Which? campaigned for the introduction of the Retail Distribution Review. The changes will mean that from the end of 2012:

- Advisers will have to be clear as to whether they offer ‘Independent’ advice covering the whole market or ‘Restricted’ advice covering a small number of products or providers

- Advisers will have to tell consumers how much their advice will cost and agree it with them. For new investments, they will no longer be allowed to receive commission set by product providers.

- The minimum level of qualification for financial advisers will increase and advisers will have to meet professional standards which will include a code of ethics.

Which? believes that consumers should go to an IFA, rather than approaching their bank for advice. Which? has created eight questions that people should ask before choosing an IFA.

1. How will the fees be charged?

2. Does the IFA receive commission set by product providers? If so, what plans does the practice have to bring its charging approach in line with the Retail Distribution Review?

3 At what stage of the process will you be charged?
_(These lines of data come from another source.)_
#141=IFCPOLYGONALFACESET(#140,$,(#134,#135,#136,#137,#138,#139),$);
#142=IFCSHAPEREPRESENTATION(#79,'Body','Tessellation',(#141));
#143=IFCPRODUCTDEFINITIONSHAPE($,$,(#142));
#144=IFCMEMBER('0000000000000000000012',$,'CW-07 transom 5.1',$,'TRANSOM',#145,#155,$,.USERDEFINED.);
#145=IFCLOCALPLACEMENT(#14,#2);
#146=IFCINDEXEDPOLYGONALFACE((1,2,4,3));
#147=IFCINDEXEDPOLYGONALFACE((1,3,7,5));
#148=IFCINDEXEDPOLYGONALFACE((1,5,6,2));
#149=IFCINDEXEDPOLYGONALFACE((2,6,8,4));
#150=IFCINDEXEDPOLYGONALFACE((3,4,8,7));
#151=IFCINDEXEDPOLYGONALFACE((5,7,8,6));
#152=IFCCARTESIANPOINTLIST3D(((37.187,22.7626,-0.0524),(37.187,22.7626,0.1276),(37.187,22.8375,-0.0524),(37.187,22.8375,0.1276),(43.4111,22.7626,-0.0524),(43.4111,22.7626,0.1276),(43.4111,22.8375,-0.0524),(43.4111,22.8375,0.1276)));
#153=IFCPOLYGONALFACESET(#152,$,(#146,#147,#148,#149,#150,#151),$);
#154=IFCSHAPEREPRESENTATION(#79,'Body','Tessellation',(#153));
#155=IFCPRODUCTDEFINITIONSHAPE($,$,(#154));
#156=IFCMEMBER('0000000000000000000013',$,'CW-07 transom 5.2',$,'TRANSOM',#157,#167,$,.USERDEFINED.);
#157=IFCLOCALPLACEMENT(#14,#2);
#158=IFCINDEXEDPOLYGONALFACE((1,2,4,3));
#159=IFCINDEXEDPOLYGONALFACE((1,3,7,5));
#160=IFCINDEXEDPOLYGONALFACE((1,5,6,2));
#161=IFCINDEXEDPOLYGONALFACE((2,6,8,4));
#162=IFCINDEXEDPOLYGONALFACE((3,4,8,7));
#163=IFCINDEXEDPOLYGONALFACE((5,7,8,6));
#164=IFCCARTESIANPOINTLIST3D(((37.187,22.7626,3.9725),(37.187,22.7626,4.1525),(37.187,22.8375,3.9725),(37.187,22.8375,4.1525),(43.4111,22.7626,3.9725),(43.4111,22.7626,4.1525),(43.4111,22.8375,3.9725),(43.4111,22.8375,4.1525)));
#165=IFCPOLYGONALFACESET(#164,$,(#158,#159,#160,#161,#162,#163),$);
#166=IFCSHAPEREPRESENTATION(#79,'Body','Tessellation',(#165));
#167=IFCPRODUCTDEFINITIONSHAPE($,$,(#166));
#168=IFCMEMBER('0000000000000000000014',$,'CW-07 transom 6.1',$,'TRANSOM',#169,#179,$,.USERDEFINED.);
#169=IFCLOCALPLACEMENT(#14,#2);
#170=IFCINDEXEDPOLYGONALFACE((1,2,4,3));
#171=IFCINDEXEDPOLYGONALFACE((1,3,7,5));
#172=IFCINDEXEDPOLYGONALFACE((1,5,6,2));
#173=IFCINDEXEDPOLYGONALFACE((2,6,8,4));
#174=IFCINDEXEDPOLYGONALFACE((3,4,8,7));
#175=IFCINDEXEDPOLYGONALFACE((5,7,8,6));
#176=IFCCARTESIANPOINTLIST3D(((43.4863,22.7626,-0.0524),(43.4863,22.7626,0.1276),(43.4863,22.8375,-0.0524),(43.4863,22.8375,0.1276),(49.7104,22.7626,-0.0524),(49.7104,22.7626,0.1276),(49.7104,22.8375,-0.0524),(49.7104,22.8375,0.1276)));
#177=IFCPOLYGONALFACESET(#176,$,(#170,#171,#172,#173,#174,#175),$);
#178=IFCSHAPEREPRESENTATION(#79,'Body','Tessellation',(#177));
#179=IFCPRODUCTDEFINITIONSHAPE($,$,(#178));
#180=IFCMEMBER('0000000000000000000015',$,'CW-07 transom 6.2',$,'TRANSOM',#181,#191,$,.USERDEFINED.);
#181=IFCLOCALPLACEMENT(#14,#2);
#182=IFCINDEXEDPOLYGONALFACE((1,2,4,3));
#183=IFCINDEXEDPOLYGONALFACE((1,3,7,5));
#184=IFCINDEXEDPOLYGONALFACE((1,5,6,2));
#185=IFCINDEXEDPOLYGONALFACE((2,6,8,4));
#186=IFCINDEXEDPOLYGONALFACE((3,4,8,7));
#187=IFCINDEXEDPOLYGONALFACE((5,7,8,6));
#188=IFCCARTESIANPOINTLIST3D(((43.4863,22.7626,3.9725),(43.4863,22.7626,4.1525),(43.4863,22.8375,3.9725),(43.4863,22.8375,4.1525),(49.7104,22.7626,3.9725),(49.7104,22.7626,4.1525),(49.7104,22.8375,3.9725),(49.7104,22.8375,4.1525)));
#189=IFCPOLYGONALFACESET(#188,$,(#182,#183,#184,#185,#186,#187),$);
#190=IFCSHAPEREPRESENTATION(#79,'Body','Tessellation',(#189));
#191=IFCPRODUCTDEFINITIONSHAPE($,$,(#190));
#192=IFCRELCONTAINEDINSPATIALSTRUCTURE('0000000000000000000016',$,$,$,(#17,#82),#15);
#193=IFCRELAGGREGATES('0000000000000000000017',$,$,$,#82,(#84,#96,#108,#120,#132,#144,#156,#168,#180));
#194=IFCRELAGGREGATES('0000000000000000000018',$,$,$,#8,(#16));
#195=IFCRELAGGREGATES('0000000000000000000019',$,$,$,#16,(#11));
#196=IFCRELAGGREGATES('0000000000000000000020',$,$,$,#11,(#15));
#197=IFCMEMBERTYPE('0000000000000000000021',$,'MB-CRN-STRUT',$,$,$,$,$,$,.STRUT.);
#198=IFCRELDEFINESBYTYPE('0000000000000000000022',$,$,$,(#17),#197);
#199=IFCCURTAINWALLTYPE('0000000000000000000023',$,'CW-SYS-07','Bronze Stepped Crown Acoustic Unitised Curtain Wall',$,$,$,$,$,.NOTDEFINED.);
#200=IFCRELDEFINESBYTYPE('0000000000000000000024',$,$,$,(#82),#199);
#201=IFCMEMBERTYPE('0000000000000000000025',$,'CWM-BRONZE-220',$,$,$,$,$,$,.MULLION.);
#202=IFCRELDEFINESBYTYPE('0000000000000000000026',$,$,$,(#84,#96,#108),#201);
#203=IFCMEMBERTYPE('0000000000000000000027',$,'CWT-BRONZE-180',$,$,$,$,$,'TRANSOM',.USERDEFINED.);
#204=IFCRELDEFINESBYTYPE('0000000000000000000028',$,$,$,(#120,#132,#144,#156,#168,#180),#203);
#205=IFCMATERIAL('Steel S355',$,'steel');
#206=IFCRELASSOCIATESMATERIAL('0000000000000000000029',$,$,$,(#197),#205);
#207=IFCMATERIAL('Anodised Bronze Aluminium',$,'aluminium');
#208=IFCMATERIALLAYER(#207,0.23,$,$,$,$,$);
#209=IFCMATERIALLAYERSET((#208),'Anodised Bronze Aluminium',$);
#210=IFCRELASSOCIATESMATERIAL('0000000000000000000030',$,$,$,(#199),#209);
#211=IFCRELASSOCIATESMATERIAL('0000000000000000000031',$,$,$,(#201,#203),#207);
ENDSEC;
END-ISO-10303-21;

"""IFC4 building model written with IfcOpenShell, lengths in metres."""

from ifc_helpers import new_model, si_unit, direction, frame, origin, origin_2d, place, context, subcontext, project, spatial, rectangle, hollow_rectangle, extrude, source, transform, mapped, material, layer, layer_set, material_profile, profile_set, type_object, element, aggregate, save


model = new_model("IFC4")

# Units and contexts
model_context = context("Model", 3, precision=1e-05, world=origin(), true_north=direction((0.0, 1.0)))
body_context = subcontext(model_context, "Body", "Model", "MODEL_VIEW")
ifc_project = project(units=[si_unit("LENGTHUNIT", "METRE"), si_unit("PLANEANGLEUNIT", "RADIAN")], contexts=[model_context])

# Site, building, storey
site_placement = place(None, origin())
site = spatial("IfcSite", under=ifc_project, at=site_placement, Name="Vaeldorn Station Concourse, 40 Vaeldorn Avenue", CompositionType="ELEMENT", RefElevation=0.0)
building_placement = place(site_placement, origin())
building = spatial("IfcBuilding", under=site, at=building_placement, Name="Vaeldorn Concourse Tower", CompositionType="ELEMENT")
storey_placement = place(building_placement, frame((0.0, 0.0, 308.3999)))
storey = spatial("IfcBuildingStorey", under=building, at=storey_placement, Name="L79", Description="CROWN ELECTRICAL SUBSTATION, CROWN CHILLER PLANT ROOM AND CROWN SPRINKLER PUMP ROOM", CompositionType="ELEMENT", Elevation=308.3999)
4 How will you have to pay the fees: by cheque or bank transfer?

5 Are different fee options available to you for the service you require? For example, are you able to choose between paying by fixed fee or hourly fee? If different options are available, ask the IFA to explain the pros and cons of each one.

6 What level of qualification does the IFA have?

7 What service are you receiving for the fees/ commission? Is it just the initial service or is any ongoing review involved?

8 Will there be any ongoing commission or fees?

If an IFA tries to dodge these questions or implies that it’s unreasonable to ask them, go elsewhere.